VR has the potential to expand and transform learning in building sciences because of the two distinctive features described earlier. First, is its capacity to support interactivity. Steuer defines interactivity “as the extent to which users can participate in modifying the form and content of a mediated environment in real time” [9]. Interacting with a responsive environment where the user can navigate and modify the learning context is a powerful aspect of VR technology. Interactive 3D environments can also produce game-like experiences that are truly engaging.

For teaching AEC students, interactivity could be used to enable students to change the parameters of their learning. While text, visuals, and animations can describe a building’s performance, properties, structure, and construction details, the ability to change the existing parameters provides additional opportunities to better understand the content and be able to predict the behavior of the building.

Consider a student walking around a virtual building able to interact with objects within the environment. She can touch a wall and activate an animation showing its construction process, access metrics on the building envelope’s thermal resistance, learn about the material properties used in its construction, and get information on the cost of its assembly.

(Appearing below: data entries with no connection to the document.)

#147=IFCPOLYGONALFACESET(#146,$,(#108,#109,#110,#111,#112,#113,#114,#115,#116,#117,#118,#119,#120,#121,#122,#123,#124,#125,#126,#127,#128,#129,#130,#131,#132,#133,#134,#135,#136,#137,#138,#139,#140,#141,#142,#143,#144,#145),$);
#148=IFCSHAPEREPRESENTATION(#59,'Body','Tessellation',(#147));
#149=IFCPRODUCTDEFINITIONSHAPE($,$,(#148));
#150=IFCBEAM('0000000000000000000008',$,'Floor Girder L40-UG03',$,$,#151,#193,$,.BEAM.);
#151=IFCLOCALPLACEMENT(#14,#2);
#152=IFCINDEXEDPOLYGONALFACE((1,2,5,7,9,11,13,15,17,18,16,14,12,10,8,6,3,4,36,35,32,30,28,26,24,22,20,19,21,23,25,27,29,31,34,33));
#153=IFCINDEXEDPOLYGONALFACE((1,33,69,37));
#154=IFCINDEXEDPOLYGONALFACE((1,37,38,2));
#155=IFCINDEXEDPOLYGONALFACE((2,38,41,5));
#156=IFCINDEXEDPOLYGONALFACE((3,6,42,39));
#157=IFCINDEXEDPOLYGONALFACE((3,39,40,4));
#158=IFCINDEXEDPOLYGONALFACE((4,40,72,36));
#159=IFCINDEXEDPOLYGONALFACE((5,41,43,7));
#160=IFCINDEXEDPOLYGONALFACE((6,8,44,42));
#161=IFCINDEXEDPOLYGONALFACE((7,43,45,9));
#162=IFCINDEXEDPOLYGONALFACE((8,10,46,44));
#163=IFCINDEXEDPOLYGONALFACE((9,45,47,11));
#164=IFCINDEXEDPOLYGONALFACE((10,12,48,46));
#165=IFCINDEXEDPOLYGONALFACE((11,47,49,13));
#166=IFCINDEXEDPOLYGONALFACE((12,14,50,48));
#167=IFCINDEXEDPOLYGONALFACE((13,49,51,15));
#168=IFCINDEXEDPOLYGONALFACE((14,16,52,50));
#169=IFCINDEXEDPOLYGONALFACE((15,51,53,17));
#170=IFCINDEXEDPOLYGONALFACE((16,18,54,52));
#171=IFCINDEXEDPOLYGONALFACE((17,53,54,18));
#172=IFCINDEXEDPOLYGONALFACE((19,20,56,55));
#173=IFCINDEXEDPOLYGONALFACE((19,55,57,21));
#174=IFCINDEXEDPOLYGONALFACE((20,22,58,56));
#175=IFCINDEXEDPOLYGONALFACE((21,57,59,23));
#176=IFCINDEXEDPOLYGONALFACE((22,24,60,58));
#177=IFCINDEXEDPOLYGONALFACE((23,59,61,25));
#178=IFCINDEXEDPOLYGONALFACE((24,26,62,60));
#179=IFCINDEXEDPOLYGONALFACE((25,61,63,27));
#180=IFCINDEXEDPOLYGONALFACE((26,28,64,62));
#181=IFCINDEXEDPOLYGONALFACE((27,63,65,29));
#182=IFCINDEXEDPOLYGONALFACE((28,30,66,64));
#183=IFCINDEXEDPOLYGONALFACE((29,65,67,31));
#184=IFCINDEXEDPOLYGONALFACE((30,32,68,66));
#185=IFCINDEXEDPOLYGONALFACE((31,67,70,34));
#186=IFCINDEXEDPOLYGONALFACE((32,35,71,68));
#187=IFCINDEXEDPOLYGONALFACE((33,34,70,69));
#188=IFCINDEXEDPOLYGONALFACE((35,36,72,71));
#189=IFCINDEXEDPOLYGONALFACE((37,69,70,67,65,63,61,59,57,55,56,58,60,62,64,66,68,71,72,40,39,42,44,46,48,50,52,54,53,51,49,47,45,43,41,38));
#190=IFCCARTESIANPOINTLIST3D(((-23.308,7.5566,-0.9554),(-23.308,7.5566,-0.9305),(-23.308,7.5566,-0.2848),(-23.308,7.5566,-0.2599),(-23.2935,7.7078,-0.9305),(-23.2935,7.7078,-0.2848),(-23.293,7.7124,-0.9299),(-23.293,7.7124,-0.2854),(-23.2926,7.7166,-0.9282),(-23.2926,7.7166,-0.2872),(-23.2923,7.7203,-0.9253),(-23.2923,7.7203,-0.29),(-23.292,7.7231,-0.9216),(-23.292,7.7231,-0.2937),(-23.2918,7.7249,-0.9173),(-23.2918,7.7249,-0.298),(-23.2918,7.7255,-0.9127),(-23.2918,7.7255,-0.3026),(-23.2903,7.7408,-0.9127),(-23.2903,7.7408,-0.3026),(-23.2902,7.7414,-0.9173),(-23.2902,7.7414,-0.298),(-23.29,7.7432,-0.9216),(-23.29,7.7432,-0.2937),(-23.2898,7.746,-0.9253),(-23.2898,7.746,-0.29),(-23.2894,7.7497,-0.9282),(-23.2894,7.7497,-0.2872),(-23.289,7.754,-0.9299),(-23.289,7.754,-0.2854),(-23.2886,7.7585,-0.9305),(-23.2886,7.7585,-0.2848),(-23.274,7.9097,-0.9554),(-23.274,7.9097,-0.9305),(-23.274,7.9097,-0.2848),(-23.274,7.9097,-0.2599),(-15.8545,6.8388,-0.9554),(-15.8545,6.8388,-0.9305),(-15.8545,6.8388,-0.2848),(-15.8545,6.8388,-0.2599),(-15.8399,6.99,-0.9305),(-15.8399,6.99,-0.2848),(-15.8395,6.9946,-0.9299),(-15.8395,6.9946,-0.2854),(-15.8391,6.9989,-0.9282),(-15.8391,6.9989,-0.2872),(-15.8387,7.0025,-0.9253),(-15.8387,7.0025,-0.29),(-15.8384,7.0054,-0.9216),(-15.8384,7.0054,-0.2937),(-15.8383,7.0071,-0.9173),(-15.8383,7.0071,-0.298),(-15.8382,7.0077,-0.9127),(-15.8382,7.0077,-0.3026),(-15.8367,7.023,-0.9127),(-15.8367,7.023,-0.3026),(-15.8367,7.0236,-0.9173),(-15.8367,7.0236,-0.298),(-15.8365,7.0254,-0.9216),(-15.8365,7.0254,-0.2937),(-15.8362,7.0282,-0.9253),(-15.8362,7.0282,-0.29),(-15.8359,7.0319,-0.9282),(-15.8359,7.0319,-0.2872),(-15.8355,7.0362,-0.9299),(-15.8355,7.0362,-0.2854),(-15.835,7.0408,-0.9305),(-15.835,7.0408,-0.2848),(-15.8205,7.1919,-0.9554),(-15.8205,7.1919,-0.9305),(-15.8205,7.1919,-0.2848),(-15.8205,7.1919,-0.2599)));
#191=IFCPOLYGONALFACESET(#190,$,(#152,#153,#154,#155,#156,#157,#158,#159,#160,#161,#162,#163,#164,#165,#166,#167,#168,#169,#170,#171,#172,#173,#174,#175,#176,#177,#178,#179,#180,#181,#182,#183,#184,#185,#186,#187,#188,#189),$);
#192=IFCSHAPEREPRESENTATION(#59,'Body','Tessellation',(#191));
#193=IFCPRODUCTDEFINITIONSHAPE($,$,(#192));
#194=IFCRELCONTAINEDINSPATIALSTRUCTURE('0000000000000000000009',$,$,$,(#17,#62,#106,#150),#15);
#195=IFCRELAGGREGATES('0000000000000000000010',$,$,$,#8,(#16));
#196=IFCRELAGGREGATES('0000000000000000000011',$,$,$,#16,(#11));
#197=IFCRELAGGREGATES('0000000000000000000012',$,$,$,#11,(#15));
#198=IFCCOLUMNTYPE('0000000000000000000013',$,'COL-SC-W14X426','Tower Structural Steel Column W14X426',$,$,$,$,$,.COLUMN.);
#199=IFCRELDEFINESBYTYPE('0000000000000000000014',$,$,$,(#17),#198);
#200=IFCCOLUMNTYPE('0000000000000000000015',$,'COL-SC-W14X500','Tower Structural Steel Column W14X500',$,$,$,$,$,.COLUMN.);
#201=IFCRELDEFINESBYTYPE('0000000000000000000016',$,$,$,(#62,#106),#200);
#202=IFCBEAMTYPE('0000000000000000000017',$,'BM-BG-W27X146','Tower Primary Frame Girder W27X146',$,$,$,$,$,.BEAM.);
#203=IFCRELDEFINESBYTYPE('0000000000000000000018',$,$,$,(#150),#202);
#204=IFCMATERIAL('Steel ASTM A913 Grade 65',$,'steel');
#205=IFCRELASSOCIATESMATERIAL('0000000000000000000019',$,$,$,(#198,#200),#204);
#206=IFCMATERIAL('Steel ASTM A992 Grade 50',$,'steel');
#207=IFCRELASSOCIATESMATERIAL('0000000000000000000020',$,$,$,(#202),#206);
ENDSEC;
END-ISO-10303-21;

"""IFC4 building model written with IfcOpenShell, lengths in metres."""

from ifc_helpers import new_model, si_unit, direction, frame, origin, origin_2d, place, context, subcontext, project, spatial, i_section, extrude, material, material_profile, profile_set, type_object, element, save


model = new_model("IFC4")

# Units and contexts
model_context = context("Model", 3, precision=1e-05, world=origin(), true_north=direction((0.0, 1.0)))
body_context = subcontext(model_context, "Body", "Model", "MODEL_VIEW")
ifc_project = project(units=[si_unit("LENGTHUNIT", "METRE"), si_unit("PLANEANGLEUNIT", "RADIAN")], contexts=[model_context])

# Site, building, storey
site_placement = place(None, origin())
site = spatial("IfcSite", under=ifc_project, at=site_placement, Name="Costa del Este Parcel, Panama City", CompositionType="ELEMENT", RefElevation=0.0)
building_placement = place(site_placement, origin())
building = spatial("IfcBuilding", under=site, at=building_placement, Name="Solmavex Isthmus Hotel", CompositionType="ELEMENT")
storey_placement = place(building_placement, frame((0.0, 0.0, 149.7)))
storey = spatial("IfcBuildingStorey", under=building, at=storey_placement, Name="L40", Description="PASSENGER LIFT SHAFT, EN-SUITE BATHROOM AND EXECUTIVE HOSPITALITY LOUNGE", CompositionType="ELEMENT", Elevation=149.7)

VR environments could also recreate many processes that are not assessable in real-time. Example of this include building energy performance in various seasons, water collection and flow around the building site in various conditions, and structural materials’ behavior. Using the interactivity features of the VR, students can change the season or the date to observe heat loss and heat gain through building walls, visually locate thermal breaks, and gauge natural lighting of the building interior in different time of the day.

Finally, interactivity affords another benefit. Hoffman and Vu describe that interactivity afforded by the VR environments reduces “cognitive overhead,” allowing the users to focus attention on the content rather than the semantics of the computer interface [10]. VR offers a direct way of engaging the content.

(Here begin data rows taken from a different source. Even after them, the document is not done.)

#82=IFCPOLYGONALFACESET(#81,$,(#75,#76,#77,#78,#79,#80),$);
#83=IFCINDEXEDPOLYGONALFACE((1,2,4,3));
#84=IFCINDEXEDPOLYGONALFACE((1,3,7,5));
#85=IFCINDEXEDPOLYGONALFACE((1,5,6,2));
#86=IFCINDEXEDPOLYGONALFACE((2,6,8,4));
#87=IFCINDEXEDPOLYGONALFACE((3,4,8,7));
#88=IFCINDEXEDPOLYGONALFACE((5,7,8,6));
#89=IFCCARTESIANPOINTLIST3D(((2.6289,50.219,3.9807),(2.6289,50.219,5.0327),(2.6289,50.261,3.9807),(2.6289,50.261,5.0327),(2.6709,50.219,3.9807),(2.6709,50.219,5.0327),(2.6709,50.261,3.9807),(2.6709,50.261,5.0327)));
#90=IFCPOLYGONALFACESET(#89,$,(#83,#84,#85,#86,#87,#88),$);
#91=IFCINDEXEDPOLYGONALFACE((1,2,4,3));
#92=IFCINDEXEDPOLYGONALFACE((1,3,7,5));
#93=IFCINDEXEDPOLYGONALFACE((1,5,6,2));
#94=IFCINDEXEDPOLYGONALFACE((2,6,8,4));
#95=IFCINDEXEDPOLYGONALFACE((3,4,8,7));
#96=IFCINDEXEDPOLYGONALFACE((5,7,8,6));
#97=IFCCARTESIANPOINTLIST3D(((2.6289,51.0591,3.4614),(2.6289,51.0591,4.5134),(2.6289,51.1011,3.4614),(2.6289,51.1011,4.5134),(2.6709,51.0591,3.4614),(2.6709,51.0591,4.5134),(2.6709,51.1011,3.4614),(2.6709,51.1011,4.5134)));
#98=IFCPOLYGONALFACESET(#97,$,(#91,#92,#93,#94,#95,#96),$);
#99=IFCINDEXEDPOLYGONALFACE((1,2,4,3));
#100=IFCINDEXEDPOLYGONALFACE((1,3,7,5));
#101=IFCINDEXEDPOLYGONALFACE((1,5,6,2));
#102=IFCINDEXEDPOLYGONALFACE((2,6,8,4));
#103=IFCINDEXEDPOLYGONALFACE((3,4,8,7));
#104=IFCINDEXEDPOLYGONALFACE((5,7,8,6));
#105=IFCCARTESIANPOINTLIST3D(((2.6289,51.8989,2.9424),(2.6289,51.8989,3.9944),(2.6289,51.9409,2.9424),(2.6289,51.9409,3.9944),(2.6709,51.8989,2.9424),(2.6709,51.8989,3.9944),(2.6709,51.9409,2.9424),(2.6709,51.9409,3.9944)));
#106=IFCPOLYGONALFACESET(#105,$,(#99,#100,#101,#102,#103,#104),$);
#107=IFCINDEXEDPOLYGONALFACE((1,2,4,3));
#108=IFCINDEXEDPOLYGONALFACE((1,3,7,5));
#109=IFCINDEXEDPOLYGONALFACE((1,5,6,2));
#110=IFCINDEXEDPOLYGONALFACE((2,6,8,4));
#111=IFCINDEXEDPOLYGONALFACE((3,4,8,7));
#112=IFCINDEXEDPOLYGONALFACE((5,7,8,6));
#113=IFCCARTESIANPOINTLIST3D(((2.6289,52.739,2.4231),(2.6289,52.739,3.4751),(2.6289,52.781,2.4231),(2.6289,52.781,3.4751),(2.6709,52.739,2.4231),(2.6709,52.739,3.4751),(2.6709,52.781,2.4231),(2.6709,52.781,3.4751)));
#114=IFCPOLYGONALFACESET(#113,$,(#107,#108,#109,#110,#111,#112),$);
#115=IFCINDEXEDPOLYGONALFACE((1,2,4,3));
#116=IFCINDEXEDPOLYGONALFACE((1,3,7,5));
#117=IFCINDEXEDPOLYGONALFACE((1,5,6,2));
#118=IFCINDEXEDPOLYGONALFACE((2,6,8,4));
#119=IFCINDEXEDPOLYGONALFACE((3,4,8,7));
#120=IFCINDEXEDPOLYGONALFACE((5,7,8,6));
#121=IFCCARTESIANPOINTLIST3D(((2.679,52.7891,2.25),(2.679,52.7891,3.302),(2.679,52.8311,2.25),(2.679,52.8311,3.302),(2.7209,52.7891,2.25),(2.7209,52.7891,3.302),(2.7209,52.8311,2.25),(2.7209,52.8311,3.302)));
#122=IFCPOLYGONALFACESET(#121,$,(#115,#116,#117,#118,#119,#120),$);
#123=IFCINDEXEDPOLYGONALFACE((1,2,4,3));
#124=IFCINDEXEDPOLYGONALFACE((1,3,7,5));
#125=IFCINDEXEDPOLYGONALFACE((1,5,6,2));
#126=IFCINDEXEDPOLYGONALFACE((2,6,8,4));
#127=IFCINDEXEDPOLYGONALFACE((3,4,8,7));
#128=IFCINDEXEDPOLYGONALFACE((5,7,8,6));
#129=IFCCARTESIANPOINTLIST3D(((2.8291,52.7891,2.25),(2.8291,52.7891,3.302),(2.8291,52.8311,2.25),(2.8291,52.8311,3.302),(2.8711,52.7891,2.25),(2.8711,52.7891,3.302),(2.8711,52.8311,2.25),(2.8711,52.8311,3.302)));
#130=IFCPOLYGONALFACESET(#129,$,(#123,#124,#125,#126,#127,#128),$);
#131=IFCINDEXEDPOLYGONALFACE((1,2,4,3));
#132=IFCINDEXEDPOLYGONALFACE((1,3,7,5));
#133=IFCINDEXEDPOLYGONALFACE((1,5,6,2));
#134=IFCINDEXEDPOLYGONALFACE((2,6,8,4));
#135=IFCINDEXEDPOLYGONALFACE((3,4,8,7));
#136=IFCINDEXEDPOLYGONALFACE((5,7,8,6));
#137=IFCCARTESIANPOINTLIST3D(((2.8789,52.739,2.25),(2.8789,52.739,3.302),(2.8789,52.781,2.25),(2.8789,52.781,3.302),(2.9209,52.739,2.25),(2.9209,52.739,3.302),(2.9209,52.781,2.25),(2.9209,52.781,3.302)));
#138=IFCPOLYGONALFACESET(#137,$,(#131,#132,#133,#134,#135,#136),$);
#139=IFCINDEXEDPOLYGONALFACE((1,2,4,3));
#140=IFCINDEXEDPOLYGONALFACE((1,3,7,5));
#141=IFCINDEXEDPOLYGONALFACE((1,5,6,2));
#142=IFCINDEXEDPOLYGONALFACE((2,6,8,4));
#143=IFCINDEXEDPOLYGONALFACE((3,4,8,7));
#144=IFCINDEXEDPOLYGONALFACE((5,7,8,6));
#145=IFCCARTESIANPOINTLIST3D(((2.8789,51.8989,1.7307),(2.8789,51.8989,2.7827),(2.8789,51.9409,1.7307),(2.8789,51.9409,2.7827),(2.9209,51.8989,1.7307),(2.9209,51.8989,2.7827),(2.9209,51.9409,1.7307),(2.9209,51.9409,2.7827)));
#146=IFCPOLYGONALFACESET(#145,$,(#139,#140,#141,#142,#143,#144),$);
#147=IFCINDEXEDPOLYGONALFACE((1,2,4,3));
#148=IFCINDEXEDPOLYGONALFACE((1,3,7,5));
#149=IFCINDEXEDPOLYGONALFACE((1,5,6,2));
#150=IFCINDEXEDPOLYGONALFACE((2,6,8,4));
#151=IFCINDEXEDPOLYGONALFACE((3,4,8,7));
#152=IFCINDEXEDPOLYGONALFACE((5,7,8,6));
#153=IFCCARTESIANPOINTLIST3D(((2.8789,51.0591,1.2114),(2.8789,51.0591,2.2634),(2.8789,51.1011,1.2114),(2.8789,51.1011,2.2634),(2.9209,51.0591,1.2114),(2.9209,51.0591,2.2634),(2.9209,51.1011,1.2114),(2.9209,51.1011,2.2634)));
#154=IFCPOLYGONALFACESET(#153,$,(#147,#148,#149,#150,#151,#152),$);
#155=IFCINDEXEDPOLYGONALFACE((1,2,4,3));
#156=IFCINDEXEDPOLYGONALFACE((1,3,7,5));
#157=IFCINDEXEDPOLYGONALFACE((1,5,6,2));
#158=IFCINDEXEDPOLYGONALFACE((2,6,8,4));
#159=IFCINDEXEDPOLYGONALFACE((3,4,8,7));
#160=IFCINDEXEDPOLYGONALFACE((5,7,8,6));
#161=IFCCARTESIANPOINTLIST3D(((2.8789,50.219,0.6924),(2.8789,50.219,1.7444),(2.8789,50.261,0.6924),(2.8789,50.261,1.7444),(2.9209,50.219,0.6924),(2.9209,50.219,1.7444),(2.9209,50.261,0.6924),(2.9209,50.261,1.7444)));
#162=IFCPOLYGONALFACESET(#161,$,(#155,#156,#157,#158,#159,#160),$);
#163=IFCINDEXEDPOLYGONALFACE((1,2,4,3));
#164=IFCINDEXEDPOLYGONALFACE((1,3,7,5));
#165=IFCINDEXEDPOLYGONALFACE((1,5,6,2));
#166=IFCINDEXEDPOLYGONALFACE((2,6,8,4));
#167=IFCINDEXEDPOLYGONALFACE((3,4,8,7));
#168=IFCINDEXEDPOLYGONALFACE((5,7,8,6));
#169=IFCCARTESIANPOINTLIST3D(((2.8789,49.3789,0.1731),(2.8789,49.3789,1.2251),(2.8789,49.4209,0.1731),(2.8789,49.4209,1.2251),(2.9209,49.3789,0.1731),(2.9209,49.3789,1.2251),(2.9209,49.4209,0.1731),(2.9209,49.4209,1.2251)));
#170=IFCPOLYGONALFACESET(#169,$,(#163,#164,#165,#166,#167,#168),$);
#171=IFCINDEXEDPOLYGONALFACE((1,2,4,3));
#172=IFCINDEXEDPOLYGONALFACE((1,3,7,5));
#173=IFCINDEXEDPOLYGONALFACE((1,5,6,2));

Second feature of the VR is its immersive capacity. Bryson describes immersion as the sense that the “user’s point of view or some parts of the user’s body is contained within the computer generated-model [11]. Immersion can provide realistic experiences, where knowledge is produced through experience. By becoming part of a phenomenon learners gain direct experiential intuitions about how the various components of buildings work. Through using multisensory immersion in VR customized for students, complex and abstract scientific concept can be understood at an intuitive level [12].

In the context of building sciences, the experience of being inside a virtual building can provide a powerful way of learning. A virtual walkthrough of a building can equip the viewer with an almost x-ray vision, enabling her to see through the walls to examine the structural components, look through the ground plane to see the building foundation, and look through the ceiling to examine the building’s mechanical systems.

5 Conclusion and Future Work

Virtual Learning Experiences (VLEs) show increasing promise to improve the educational experience for everyone, and hold a particularly strong promise for enhancing architecture, engineering and construction education. As with any new technology, VLEs possess inherent benefits, challenges and complexity that must be handled accordingly to implement them in an effective manner. Through the theoretical examination of information perception/centralization and appropriate pedagogical frameworks, we presented a novel user interaction approach to tackle VLEs challenges and complexities in hope to improve the user learning experience.